A young man picks up a newspaper in a NYC airport and happens upon a story of an american woman ACCIDENTALLY falling to her death from the Eiffel Tower in Paris. He immediately calls the police and reports that the woman had been murdered, including the suspect's name, address, and phone number.

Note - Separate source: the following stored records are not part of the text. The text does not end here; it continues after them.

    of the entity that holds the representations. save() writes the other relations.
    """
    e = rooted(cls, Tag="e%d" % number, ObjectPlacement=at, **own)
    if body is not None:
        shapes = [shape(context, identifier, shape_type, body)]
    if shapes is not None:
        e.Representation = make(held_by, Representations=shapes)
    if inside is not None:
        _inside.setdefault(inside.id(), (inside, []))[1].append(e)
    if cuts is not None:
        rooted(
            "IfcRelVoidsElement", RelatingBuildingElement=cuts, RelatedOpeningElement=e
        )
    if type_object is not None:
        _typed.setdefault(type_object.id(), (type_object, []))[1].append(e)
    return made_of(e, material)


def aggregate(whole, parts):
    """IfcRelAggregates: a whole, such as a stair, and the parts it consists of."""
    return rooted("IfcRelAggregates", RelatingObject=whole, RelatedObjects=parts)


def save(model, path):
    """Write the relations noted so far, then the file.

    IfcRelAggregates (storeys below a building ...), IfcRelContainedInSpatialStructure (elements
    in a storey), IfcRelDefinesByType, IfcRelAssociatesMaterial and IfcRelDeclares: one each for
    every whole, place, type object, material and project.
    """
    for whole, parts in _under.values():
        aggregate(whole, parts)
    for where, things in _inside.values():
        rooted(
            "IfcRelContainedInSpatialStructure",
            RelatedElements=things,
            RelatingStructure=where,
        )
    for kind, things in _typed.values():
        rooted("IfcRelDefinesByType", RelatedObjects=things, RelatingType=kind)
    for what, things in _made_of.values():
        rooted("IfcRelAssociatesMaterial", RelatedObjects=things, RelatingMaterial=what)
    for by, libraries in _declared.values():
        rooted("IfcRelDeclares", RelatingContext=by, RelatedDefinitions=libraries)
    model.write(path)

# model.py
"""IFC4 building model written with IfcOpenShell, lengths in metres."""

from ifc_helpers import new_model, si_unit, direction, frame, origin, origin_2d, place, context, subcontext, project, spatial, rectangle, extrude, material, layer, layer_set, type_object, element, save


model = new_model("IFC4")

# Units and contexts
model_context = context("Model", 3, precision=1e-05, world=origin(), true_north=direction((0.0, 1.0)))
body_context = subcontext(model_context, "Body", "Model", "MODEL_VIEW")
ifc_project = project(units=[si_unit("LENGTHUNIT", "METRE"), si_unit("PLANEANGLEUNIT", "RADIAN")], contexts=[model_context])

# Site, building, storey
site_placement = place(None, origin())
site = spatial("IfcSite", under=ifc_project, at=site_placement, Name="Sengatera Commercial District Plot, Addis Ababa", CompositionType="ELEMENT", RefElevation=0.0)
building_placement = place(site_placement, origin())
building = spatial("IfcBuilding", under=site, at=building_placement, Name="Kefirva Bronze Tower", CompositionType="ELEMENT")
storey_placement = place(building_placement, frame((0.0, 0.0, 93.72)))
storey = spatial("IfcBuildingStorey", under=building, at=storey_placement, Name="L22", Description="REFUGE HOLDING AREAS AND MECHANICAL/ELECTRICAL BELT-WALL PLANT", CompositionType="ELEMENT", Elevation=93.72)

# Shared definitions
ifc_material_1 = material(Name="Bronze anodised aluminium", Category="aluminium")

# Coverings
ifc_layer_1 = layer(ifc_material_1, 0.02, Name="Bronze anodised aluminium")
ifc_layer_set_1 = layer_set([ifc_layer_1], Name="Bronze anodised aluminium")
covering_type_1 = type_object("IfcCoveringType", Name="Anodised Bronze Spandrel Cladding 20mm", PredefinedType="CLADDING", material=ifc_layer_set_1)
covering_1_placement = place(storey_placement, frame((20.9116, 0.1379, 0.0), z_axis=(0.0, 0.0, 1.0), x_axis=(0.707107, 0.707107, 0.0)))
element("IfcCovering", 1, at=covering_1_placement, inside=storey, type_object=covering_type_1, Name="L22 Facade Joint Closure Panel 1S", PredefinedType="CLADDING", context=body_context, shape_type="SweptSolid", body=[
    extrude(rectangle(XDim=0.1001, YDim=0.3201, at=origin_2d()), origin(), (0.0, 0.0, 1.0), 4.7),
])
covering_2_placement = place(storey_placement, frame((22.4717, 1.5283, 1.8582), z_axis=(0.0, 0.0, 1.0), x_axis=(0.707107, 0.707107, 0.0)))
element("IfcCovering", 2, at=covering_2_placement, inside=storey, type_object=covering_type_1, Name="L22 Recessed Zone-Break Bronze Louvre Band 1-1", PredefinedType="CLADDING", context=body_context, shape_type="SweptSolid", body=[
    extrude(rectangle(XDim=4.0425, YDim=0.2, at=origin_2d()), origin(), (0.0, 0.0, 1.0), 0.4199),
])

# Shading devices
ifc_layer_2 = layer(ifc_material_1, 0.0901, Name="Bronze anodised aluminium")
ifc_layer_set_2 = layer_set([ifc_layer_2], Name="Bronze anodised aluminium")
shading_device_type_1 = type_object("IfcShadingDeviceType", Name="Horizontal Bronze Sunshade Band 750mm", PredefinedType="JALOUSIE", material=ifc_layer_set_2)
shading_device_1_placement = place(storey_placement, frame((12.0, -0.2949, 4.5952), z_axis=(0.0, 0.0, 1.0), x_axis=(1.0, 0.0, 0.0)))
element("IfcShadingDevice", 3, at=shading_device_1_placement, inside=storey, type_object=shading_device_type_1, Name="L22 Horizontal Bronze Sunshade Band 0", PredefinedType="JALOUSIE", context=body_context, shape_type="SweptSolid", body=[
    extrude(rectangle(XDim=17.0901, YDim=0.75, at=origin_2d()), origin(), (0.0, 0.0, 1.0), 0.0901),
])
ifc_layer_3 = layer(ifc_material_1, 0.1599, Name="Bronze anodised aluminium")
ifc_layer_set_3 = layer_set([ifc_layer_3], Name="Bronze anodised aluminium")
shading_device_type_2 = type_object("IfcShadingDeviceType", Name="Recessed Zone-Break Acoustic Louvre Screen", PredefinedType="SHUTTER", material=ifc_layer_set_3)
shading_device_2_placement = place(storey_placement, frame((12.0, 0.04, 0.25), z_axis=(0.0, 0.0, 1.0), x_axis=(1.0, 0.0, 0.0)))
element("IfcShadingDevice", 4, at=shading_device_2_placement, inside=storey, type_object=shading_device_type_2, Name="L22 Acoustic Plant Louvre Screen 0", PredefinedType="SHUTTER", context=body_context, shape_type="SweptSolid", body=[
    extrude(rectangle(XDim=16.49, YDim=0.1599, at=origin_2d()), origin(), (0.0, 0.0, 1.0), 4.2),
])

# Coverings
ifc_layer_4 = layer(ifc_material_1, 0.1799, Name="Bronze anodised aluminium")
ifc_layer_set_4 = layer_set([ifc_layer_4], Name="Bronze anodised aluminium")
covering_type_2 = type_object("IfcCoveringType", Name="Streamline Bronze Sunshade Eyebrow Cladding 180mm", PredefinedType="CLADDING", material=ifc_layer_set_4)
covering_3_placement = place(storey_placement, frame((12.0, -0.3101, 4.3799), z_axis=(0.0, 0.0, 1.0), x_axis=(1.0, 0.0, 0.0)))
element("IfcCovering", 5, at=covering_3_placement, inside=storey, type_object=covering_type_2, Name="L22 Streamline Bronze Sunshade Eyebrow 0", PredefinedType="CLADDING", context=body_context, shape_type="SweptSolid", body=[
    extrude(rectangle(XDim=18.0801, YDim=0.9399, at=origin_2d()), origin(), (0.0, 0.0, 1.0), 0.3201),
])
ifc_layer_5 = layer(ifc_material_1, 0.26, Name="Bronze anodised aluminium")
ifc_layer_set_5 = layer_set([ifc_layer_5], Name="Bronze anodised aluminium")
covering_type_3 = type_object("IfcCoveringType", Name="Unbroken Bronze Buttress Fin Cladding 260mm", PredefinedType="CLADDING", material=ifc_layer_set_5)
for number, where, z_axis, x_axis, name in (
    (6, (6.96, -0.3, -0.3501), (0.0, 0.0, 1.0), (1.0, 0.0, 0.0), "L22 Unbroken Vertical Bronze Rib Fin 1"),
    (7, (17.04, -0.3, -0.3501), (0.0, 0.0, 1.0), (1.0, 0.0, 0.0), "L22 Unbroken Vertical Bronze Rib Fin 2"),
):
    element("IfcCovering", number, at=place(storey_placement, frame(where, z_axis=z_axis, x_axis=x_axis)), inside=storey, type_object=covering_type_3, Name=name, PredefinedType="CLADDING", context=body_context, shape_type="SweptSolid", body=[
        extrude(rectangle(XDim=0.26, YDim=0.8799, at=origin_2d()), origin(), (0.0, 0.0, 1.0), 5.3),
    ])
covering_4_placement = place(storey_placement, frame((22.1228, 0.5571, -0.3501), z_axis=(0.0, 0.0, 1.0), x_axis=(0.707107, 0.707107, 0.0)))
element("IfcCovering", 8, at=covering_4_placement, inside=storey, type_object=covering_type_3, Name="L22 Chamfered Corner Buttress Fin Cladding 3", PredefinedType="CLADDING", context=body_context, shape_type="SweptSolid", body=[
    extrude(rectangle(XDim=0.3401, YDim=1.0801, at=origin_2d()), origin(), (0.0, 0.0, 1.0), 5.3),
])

How did the young man know?


----------



## joefromcanada (Apr 16, 2004)

umm... he read it in the paper


----------



## Enriqo_Suavez (Mar 31, 2004)

Because he was the man who killed her, and just flew back to the US


----------



## nfldRBP (Nov 30, 2003)

He did it himself? I really can't think of anything else.


----------



## jimbo (Feb 5, 2003)




----------



## vanz (Sep 11, 2003)

Maybe the guy that did it told him?


----------



## Enriqo_Suavez (Mar 31, 2004)

Because she called him and told him on the way down?


----------



## dwarfcat (Sep 21, 2004)

he was in paris the time it was discovered it was a murder, but the US papers havent got word yet
time difference

NOPE i didnt read it very well


----------



## K fizzly (Aug 27, 2004)

jimbo tell us before i stick it up ur butt

dont think i wont connect it like the internet either...so tell us!


----------



## JAC (Jan 19, 2004)

jimbo said:


> #2
> 
> A young man picks up a newspaper in a NYC airport and happens upon a story of an american woman ACCIDENTALLY falling to her death from the Eiffel Tower in Paris. He immediately calls the police and reports that the woman had been murdered, including the suspect's name, address, and phone number.
> 
> How did the young man know?


 Was bored and had some time to kill while waiting for his flight?


----------



## johndeere (Jul 21, 2004)

Her sister didn't give her the answer to a riddle so she killed her?


----------



## Liquid (Aug 24, 2004)

because the guy gave her crabs and the crabs started talking to her and told her to kill, kILL, KILL!!


----------



## K fizzly (Aug 27, 2004)

because liquid is ugly and k fizzly is cuter then him


----------



## jimbo (Feb 5, 2003)

ill give ya a hint

it has to do with the guy's job









ill tell the answer tomorrow after work


----------



## johndeere (Jul 21, 2004)

Oh sh*t I get it now the guy worked for a funeral home or the cemetary and the only way to meet him again was to go to another funeral.


----------



## Death in #'s (Apr 29, 2003)

johndeere said:


> Oh sh*t I get it now the guy worked for a funeral home or the cemetary and the only way to meet him again was to go to another funeral.










oh man


----------



## vanz (Sep 11, 2003)

he turned in himself???? That's gotta be the right answer.


----------



## psychofish (Jun 5, 2004)

He flew to Paris with his wife, and pushed her over the edge. He then flew to NYC and told the police that she had been murdered.


----------



## Liquid (Aug 24, 2004)

psychofish21 said:


> He flew to Paris with his wife, and pushed her over the edge. He then flew to NYC and told the police that she had been murdered.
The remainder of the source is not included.